Solution: use the dynamic array ArrayList for storage.
Problem 2: it is too troublesome to count the occurrence times of words by loop traversal.
Solution: use the hash table to store, and all words and their occurrence frequency can be counted in one traversal.
Question 3: there is no logarithm function with base 10 in Java.
Solution: transform through the bottom changing formula, write your own function for transformation, math log(value) / Math. log(base).
Question 4: when converting and comparing the floating-point values stored in the String type in the file, the result is incorrect, but there is no syntax problem.
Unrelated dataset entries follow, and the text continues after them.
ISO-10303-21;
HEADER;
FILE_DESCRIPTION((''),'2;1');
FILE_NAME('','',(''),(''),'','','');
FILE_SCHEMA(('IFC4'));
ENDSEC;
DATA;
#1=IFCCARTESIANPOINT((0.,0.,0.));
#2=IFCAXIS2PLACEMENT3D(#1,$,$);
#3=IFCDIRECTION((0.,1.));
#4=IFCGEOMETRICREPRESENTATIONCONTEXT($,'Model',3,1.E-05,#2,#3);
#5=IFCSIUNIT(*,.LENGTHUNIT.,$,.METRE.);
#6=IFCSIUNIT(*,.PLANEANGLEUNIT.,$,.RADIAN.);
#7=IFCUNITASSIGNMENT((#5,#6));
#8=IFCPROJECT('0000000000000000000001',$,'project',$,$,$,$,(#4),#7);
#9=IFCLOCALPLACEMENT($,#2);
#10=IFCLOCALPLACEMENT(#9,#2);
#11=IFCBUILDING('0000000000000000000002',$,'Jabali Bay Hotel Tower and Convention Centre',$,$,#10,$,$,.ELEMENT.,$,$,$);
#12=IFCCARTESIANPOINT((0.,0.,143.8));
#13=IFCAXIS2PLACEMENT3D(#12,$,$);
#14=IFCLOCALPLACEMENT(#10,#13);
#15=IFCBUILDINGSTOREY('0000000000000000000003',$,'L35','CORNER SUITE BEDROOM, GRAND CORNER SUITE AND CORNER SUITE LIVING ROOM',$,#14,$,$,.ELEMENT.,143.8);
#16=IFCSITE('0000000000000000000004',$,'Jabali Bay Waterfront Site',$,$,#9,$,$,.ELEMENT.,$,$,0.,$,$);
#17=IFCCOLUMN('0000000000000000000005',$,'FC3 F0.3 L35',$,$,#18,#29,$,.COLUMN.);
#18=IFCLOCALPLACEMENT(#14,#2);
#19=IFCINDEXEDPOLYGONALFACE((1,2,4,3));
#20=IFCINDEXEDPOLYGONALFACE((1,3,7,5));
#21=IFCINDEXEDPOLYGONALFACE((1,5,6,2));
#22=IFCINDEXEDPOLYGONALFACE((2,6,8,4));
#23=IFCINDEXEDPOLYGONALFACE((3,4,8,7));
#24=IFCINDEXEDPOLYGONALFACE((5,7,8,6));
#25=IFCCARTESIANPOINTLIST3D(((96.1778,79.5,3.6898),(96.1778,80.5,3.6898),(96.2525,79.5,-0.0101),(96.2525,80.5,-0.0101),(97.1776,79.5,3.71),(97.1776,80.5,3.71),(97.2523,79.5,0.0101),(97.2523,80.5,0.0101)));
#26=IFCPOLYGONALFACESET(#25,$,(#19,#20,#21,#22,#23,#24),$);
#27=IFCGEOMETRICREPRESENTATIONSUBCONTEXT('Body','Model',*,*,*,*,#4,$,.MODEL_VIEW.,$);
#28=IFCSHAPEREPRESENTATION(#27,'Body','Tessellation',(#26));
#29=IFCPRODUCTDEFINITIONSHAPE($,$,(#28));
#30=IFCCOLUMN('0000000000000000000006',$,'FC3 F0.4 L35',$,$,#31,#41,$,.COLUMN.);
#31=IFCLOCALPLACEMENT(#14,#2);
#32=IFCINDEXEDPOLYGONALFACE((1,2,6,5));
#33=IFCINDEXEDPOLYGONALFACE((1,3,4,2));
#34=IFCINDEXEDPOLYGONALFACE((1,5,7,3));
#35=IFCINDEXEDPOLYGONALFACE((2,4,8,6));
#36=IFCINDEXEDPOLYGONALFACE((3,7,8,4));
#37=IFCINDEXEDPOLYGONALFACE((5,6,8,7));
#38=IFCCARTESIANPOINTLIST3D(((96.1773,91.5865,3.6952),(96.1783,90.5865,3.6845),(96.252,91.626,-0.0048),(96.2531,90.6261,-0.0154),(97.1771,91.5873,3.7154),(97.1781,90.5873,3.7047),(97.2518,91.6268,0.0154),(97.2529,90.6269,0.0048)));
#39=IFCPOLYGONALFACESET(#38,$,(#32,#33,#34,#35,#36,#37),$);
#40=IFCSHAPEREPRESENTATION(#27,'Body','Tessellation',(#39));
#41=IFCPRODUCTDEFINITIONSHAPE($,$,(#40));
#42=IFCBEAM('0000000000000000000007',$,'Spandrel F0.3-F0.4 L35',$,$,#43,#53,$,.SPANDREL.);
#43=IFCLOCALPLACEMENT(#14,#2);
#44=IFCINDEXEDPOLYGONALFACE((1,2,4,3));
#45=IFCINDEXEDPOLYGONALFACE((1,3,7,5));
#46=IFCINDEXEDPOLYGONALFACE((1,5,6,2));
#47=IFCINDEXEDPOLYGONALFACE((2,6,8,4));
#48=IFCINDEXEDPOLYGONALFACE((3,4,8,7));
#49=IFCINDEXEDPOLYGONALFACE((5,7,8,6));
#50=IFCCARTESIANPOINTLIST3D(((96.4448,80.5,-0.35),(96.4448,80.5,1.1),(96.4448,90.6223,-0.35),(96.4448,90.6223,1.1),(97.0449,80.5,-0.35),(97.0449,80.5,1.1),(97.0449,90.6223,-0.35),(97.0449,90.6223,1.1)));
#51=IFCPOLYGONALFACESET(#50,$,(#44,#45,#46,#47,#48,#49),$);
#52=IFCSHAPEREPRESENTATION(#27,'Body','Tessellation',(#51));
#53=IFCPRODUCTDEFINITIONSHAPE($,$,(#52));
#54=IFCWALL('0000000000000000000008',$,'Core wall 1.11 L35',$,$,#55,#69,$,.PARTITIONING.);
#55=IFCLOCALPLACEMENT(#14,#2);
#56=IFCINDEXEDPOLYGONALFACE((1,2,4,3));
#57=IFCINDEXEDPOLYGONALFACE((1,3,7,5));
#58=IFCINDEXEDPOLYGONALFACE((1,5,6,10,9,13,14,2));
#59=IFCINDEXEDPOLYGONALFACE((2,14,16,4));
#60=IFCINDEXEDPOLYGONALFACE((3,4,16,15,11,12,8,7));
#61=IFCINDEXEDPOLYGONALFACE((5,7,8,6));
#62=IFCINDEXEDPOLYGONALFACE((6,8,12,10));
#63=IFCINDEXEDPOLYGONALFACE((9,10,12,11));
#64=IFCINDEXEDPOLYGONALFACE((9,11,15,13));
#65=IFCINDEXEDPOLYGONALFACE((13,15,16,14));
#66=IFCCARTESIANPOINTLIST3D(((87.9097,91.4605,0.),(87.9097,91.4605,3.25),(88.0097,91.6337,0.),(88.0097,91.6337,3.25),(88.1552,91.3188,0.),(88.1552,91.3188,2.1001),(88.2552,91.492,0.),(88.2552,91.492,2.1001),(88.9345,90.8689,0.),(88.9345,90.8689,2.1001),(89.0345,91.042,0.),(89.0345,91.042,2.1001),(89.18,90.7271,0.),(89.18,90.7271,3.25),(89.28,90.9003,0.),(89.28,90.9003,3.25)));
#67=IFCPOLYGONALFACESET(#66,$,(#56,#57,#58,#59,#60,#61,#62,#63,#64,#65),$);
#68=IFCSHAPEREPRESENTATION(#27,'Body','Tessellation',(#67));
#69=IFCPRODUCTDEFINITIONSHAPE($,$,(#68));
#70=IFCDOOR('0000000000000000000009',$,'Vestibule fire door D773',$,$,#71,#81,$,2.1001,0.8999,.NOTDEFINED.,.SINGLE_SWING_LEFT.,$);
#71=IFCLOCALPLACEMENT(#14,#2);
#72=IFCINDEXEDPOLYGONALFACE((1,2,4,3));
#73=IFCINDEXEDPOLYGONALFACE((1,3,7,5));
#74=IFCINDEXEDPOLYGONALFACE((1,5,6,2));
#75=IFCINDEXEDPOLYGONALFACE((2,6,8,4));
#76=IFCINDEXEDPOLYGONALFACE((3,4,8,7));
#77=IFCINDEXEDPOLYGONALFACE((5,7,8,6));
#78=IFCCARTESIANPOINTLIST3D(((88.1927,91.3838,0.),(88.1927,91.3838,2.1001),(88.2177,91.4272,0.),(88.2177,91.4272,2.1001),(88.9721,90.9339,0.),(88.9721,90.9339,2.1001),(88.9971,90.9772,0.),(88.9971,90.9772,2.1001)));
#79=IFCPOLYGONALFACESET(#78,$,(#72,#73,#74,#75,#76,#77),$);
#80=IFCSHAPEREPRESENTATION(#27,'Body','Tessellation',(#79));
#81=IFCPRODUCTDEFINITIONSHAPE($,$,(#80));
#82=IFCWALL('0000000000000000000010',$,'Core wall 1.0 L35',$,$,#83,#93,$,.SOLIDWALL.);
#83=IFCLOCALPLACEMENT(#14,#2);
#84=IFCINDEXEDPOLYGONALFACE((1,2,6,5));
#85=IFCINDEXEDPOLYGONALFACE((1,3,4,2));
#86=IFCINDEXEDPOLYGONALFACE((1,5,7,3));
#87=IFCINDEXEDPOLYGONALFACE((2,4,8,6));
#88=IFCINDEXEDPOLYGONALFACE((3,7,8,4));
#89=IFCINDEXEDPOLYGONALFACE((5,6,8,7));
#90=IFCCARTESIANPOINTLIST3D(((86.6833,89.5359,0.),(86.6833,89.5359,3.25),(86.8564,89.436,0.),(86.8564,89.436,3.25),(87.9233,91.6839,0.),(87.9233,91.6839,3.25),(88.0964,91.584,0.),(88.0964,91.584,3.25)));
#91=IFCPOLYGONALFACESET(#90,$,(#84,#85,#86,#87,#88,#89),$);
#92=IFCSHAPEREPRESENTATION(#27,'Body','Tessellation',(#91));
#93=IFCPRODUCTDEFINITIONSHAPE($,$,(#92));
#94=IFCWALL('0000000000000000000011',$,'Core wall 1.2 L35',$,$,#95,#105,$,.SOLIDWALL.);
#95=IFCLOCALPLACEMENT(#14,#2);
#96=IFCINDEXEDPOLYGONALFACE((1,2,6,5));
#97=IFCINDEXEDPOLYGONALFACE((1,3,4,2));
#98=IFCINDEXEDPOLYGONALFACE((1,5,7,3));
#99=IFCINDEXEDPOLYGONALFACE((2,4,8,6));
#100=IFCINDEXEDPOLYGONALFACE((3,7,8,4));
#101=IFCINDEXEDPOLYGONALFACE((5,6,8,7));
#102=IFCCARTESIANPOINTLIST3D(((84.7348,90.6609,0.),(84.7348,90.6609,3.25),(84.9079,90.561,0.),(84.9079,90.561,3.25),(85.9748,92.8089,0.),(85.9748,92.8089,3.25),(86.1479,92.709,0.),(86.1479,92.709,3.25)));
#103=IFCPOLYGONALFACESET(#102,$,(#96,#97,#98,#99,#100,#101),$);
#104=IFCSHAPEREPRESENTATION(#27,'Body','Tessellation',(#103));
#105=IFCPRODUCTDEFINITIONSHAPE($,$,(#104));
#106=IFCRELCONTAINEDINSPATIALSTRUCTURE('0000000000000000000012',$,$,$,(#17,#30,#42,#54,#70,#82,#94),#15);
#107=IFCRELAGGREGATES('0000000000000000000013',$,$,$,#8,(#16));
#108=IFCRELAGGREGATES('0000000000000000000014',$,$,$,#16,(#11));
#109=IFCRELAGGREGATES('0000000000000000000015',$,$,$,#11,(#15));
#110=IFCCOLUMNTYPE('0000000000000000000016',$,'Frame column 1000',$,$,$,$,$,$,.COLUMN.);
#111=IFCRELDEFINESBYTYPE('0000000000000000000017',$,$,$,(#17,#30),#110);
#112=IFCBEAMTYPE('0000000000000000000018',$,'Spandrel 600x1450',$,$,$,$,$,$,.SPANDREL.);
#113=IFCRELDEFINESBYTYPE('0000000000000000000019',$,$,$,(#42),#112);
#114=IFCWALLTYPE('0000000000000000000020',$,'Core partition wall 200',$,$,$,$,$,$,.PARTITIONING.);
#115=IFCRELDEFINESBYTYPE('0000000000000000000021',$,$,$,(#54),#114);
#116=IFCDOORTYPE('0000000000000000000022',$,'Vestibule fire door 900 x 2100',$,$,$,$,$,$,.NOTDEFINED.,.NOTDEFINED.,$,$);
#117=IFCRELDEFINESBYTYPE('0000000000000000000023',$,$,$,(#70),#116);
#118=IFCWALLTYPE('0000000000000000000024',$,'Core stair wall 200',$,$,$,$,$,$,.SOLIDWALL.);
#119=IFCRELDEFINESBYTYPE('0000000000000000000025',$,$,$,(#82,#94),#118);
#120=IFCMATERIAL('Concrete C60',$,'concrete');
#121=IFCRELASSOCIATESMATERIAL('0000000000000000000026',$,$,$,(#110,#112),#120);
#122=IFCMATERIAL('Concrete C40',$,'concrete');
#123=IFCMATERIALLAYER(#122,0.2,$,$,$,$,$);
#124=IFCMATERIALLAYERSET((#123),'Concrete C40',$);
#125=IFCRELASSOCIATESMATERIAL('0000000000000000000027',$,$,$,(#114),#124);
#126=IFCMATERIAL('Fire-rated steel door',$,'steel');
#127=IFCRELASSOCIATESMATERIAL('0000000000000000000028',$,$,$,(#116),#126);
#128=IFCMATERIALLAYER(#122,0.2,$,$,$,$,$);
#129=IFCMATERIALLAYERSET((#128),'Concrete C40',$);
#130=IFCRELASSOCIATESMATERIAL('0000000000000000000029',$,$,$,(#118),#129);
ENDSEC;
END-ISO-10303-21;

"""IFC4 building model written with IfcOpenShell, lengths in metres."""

from ifc_helpers import new_model, si_unit, direction, frame, frame_2d, origin, origin_2d, place, context, subcontext, project, spatial, rectangle, extrude, material, layer, layer_set, material_profile, profile_set, type_object, element, fill, save


model = new_model("IFC4")

# Units and contexts
model_context = context("Model", 3, precision=1e-05, world=origin(), true_north=direction((0.0, 1.0)))
body_context = subcontext(model_context, "Body", "Model", "MODEL_VIEW")
ifc_project = project(units=[si_unit("LENGTHUNIT", "METRE"), si_unit("PLANEANGLEUNIT", "RADIAN")], contexts=[model_context])

# Site, building, storey
site_placement = place(None, origin())
site = spatial("IfcSite", under=ifc_project, at=site_placement, Name="Jabali Bay Waterfront Site", CompositionType="ELEMENT", RefElevation=0.0)
building_placement = place(site_placement, origin())
building = spatial("IfcBuilding", under=site, at=building_placement, Name="Jabali Bay Hotel Tower and Convention Centre", CompositionType="ELEMENT")
storey_placement = place(building_placement, frame((0.0, 0.0, 143.8)))
storey = spatial("IfcBuildingStorey", under=building, at=storey_placement, Name="L35", Description="CORNER SUITE BEDROOM, GRAND CORNER SUITE AND CORNER SUITE LIVING ROOM", CompositionType="ELEMENT", Elevation=143.8)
Solution: it is found that there is data of type 0.00xxe-4 during storage, and the last value of forced type conversion is incorrect. Then use another function double Valueof (strs1 [2]) can be compared after conversion.
Pit excavation summary
During the algorithm design, in fact, there are some library functions in Java that can be called directly to complete the corresponding functions, but I still want to write them myself because it is not difficult. However, due to the use of text for data storage and conversion, it takes a lot of time to read and write a large amount of data. Just like the last text content of B3, I read the contents of two texts at the same time, and then write the third text after data type conversion. It took almost 30 minutes from the beginning to the end of writing the last text. However, after processing these three texts, the keyword retrieval is very fast. However, if the text is added or deleted, the update of the file will be too expensive. I think if the next step is to optimize the algorithm, the most important thing is to use the database to process the text content, which is more conducive to dynamic change.